You're already familiar with these outliers as you have seen there are almost always mis-matches, and these can effect the results. So in our implementation we will be using **cv2.findHomography()** to find the homography matrix and then **cv2.perspectiveTransform()** to find the object.

### Finding Homography


[```	Matrix, mask = cv2.findHomography(srcPoints, dstPoints[, method[, ransacReprojThreshold[, mask[, maxIters[, confidence]]]]]) ```](https://docs.opencv.org/master/d9/d0c/group__calib3d.html#ga4abc2ece9fab9398f2e560d53c8c9780)

**Params:**

- **srcPoints**	Coordinates of the points in the original plane, a matrix of the type CV_32FC2 or vector<Point2f> .
- **dstPoints**	Coordinates of the points in the target plane, a matrix of the type CV_32FC2 or a vector<Point2f> .
- **method**	Method used to compute a homography matrix. The following methods are possible:
    1.  **`0`** - a regular method using all the points, i.e., the least squares method
    2. **`RANSAC`** - RANSAC-based robust method
    3. **`LMEDS`** - Least-Median robust method
    4. **`RHO`** - PROSAC-based robust method


- **ransacReprojThreshold**	Maximum allowed reprojection error to treat a point pair as an inlier (used in the RANSAC and RHO methods only). That is, if: <br>
          `  ∥dstPointsi−convertPointsHomogeneous(H∗srcPointsi)∥2>ransacReprojThreshold`
then the point i is considered as an outlier. If srcPoints and dstPoints are measured in pixels, it usually makes sense to set this parameter somewhere in the range of 1 to 10.
- **mask**	Optional output mask set by a robust method ( RANSAC or LMEDS ). Note that the input mask values are ignored.
- **maxIters**	The maximum number of RANSAC iterations.
- **confidence**	Confidence level, between 0 and 1.

<br>

### Perspective Transformation

```dst = cv2.perspectiveTransform( src, m[, dst] )```

**Params:**


- **`src`**	input two-channel or three-channel floating-point array; each element is a 2D/3D vector to be transformed.
- **`dst`**	output array of the same size and type as src.
- **`m`**	3x3 or 4x4 floating-point transformation matrix.


### Note:
Again both methods **getPerspectiveTransform()** and **cv2.findHomography()** will find the perspective transformation between two sets of points and here is the difference between the two.

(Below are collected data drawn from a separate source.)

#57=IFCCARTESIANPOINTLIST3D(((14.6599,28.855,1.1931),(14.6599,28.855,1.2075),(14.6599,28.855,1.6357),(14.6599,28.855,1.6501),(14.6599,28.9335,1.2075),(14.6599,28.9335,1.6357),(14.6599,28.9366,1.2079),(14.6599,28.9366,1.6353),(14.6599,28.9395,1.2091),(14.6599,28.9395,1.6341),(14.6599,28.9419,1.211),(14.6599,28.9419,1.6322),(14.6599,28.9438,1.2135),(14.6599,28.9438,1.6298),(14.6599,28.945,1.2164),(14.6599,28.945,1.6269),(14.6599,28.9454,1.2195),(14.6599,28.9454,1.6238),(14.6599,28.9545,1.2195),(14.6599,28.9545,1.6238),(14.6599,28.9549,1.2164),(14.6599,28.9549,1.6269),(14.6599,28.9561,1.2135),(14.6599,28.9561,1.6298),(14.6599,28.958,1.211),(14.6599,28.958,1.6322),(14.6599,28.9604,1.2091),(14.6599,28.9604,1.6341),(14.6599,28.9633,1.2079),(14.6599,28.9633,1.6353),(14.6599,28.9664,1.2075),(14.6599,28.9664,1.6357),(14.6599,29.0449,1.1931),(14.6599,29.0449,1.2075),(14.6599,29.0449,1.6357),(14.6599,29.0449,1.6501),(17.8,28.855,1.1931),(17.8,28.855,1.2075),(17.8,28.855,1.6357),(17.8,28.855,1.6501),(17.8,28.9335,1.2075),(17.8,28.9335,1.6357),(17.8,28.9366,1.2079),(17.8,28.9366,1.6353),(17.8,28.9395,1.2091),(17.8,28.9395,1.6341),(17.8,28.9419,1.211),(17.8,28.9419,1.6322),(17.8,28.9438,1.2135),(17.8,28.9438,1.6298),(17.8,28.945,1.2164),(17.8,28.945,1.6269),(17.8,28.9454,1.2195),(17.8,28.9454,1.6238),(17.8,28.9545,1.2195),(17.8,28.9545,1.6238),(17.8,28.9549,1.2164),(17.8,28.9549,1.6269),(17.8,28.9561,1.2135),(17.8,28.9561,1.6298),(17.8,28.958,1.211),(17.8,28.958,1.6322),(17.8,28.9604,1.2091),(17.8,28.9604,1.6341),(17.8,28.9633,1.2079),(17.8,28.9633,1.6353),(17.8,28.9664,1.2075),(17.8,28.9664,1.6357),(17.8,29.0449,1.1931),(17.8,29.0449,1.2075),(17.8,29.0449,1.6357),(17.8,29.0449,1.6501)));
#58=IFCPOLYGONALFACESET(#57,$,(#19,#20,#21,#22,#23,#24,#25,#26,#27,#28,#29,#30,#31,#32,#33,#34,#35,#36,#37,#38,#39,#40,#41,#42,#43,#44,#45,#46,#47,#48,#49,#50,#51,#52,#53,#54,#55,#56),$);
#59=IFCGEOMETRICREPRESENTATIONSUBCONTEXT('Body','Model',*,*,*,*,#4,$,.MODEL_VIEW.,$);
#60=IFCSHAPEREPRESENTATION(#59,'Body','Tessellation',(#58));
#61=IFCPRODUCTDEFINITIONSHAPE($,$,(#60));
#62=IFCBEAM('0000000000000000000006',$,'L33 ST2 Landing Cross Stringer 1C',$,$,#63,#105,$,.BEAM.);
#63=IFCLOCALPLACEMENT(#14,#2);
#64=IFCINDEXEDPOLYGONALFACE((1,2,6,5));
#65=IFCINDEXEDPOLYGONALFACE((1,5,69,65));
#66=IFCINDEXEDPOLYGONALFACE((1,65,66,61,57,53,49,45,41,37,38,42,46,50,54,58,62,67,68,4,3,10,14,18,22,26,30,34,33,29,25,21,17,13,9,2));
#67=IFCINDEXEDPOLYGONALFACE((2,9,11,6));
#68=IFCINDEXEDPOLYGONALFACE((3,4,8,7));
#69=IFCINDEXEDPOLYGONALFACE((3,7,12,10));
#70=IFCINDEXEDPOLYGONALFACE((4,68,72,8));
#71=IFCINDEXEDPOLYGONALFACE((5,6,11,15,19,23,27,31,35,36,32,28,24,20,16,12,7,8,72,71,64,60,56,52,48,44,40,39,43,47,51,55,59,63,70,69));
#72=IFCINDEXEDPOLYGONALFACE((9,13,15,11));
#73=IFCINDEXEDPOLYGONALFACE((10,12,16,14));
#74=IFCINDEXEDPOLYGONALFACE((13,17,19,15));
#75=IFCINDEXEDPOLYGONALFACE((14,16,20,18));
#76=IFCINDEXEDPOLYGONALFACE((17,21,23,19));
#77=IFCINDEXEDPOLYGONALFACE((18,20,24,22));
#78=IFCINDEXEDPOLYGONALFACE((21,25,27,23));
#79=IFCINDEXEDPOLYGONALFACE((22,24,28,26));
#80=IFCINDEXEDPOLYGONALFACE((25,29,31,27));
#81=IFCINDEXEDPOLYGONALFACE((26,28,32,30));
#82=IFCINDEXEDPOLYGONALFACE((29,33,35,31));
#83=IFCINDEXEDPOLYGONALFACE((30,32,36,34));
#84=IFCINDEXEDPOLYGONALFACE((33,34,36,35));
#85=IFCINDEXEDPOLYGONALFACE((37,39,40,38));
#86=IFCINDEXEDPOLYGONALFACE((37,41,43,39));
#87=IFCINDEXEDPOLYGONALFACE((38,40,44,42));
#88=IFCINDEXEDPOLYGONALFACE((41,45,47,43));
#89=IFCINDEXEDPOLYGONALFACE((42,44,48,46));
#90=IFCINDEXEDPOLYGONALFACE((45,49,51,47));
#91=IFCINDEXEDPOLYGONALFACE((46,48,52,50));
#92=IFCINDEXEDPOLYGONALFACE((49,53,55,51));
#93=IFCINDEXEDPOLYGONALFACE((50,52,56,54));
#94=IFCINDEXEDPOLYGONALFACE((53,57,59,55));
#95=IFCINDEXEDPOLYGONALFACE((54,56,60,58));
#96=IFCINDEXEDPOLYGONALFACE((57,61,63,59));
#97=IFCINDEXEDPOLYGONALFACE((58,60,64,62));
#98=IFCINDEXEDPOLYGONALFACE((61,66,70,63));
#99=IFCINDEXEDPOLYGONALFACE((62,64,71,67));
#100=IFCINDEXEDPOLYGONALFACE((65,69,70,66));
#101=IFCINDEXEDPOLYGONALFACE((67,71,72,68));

**getPerspectiveTransform()**  is useful in many situations where you only have 4 points, and you are sure they are the correct ones (e.g you yourself marked those points). The **findHomography()** is usually used when you're trying to detect the points with some automatic method (like feature detection), in this scenario you will have lots of points with low confidence, and so inside the **findHomography()** you will use an algorithm called **RANSAC** or **LEAST_MEDIAN**, these algorithms will separate 
inlier points with the outlier points.

So good matches which provide correct estimation of object are called inliers and remaining are called outliers. **cv2.findHomography()** returns a mask which specifies the inlier and outlier points.

## Feature Matching + Detection With ORB
First lets detect features and match descriptors to get some good matches.

In [None]:
img1 = cv2.imread('media/M4/dino.png',1)  # queryImage
img2 = cv2.imread('media/M4/toys1.png',1) # trainImage

# Initialize ORB detector
orb = cv2.ORB_create()

# Find the keypoints and descriptors with ORB
kp1, des1 = orb.detectAndCompute(img1,None)
kp2, des2 = orb.detectAndCompute(img2,None)

index_params= dict(algorithm = 6, table_number = 6, key_size = 12, multi_probe_level = 1)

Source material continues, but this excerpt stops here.